Section 1 Scope
These General Terms and Conditions apply to all contracts between
[COMPANY NAME + LEGAL FORM], [STREET HOUSE NUMBER],
[POSTCODE CITY] ("Tertia") and its clients for consulting,
development, implementation, automation, AI systems, software-related services,
documentation, training, and related services.
Tertia's services are aimed exclusively at entrepreneurs within the meaning of Section 14 BGB, legal entities under public law, and special funds under public law. These terms do not apply to consumers unless expressly agreed otherwise.
Conflicting or deviating terms of the client do not apply unless Tertia expressly agrees to them in text form.

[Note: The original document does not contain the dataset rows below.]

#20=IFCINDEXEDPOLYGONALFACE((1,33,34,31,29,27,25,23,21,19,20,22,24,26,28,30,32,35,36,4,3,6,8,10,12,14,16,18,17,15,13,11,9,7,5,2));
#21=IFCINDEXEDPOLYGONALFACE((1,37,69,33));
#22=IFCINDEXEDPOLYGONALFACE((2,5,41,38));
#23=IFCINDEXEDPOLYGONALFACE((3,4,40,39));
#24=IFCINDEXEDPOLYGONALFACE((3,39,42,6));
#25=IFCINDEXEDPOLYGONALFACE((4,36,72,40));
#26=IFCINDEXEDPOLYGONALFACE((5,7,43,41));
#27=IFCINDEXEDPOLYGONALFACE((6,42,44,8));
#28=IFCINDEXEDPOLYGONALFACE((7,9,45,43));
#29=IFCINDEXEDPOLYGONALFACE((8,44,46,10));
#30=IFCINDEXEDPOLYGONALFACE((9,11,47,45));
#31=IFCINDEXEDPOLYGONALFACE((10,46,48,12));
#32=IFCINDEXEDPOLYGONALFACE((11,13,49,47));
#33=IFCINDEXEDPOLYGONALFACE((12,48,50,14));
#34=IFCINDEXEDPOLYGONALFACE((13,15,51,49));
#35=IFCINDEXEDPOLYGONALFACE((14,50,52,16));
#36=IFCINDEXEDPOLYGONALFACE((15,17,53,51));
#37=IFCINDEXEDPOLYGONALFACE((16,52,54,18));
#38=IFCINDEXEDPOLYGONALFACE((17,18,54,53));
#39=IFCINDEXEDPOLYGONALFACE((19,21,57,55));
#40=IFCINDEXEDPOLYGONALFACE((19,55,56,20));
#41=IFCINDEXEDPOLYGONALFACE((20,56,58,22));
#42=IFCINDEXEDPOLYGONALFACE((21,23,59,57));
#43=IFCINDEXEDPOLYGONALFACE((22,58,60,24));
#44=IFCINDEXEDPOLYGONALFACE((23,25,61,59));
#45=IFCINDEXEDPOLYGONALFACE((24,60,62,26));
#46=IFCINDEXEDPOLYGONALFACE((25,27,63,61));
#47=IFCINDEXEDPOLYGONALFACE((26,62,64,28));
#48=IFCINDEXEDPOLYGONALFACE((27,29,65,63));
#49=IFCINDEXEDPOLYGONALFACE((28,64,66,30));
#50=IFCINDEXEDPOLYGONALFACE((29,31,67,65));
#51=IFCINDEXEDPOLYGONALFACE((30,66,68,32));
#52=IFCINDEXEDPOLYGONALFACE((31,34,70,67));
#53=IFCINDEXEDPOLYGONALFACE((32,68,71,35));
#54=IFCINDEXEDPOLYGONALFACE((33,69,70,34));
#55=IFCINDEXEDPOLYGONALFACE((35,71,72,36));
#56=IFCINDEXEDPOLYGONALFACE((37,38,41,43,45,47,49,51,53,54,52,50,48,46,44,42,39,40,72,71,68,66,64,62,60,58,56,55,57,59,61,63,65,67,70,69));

Section 2 Conclusion of contract
Offers by Tertia are non-binding unless expressly designated as binding. A contract is formed when the client accepts an offer from Tertia in text form or when Tertia confirms the order in text form.

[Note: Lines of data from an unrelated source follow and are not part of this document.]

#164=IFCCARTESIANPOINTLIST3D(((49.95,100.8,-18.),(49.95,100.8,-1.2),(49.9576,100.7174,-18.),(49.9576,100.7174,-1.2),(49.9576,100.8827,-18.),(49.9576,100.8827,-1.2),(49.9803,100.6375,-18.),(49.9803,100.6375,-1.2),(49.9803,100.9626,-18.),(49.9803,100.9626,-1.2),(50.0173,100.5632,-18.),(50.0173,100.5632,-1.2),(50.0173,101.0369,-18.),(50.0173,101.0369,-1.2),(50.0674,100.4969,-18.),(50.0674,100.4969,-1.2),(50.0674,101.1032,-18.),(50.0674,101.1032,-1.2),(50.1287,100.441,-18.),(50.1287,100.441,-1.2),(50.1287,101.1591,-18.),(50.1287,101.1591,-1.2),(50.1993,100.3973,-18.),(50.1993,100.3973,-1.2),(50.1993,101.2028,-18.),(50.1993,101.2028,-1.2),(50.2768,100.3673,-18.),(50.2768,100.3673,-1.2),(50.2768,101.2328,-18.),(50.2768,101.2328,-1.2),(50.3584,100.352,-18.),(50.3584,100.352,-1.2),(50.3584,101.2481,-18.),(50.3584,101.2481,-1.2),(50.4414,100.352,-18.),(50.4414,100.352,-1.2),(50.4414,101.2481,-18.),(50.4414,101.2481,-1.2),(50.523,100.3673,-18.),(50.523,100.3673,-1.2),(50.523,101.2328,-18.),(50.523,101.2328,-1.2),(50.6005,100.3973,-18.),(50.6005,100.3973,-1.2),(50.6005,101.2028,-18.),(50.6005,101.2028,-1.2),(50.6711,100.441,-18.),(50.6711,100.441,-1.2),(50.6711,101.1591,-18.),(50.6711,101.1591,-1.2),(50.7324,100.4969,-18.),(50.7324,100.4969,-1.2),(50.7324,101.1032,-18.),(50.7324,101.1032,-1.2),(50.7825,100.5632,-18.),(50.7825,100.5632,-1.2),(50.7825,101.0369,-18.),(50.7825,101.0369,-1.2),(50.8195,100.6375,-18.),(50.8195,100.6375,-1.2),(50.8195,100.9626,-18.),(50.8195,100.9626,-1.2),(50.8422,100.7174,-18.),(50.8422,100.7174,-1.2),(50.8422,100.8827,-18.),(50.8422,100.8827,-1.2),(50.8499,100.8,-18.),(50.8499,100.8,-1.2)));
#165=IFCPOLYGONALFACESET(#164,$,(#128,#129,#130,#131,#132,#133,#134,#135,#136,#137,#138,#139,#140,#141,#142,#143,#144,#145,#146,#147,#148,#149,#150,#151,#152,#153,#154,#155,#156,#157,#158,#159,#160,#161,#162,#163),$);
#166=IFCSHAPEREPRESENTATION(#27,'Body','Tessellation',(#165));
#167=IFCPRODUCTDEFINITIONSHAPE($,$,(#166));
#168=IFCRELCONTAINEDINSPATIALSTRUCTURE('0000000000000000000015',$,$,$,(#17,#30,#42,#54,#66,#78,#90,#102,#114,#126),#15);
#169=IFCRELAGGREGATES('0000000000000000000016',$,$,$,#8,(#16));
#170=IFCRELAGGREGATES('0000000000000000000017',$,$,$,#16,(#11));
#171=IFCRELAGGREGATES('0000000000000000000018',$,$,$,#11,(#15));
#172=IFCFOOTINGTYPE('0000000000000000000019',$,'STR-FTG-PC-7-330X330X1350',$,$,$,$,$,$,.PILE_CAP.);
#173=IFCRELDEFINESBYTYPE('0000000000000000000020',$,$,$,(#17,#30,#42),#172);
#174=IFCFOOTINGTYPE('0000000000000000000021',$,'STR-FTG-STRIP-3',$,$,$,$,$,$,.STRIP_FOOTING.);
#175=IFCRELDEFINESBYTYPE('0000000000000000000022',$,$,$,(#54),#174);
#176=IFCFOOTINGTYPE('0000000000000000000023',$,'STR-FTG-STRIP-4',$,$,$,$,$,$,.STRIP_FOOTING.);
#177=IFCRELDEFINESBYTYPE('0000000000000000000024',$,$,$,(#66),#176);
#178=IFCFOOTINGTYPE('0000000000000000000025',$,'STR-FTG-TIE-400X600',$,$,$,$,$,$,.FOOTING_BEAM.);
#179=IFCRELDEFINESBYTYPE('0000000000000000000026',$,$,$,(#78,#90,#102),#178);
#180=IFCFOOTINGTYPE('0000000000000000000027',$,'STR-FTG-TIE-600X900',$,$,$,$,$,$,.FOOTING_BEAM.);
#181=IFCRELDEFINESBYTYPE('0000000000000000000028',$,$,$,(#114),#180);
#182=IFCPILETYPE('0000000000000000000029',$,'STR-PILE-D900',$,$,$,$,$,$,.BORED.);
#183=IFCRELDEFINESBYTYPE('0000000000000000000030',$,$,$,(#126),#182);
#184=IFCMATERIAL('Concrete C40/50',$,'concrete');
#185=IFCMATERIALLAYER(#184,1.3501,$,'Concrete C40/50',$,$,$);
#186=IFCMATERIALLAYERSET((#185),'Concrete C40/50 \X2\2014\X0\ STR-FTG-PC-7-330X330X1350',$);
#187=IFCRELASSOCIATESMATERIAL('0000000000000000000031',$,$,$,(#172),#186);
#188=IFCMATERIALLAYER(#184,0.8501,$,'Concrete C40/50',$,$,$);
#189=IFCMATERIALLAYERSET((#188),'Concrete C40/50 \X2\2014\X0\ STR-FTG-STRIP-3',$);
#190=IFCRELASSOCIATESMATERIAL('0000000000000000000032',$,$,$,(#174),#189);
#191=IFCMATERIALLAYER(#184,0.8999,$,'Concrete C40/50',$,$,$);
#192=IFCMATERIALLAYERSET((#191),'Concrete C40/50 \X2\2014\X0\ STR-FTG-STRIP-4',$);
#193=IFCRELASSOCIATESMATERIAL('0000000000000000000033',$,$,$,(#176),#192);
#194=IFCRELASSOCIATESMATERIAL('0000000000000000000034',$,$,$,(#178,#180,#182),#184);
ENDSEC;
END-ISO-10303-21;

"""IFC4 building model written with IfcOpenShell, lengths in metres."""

The concrete scope of services, deliverables, deadlines, remuneration, and any assumptions result from the individual offer, the order confirmation, or a separate statement of work.
Tertia may reject an order without giving reasons as long as no contract has been concluded.

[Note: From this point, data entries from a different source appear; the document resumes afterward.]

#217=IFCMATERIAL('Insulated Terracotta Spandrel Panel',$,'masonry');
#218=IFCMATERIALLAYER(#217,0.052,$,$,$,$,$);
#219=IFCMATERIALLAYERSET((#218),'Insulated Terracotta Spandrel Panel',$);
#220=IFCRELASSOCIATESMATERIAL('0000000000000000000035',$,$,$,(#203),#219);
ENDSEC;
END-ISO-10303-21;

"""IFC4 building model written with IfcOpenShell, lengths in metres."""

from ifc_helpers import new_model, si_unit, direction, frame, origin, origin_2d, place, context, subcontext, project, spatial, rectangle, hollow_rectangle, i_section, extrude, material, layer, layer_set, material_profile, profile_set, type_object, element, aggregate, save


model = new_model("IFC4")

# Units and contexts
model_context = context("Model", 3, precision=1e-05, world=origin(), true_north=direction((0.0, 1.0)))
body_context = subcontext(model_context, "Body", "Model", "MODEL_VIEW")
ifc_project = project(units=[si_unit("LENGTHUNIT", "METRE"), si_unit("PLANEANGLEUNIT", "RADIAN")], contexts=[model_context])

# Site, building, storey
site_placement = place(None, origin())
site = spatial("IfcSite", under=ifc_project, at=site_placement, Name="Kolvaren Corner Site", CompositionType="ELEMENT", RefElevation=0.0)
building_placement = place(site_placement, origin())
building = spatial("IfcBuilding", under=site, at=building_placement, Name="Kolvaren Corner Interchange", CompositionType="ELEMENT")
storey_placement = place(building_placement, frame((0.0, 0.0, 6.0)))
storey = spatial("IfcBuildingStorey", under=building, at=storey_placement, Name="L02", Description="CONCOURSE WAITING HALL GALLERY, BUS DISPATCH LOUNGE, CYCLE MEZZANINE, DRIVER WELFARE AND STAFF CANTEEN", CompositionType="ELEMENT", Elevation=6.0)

Section 3 Services, scope, and changes
Tertia provides the services agreed in the individual contract. Depending on the project, these may include process analysis, concept development, automation, software components, AI-assisted workflows, interfaces, documentation, training, handover, and support.
Unless expressly agreed otherwise, Tertia does not owe a general business, legal, tax, financial, or strategic consulting result, but the technical and organizational work products described in the offer.
Additional requests, scope extensions, new requirements, or changes to assumptions are binding only if confirmed by both parties in text form. Without a confirmed change request, the originally agreed scope remains decisive.
Third-party services, hosting services, APIs, AI models, or external platforms may change, fail, be restricted, or be subject to their own terms. Tertia is not liable for changes outside its own area of responsibility, but will inform the client about material effects on the project where they become apparent.
Section 4 AI systems and limitations
AI systems may produce incorrect, incomplete, or unexpected output despite careful conception, testing, and limitations. Tertia owes the agreed technical implementation and agreed quality or functional criteria, but not an error-free substantive decision by the AI in every individual case unless expressly agreed.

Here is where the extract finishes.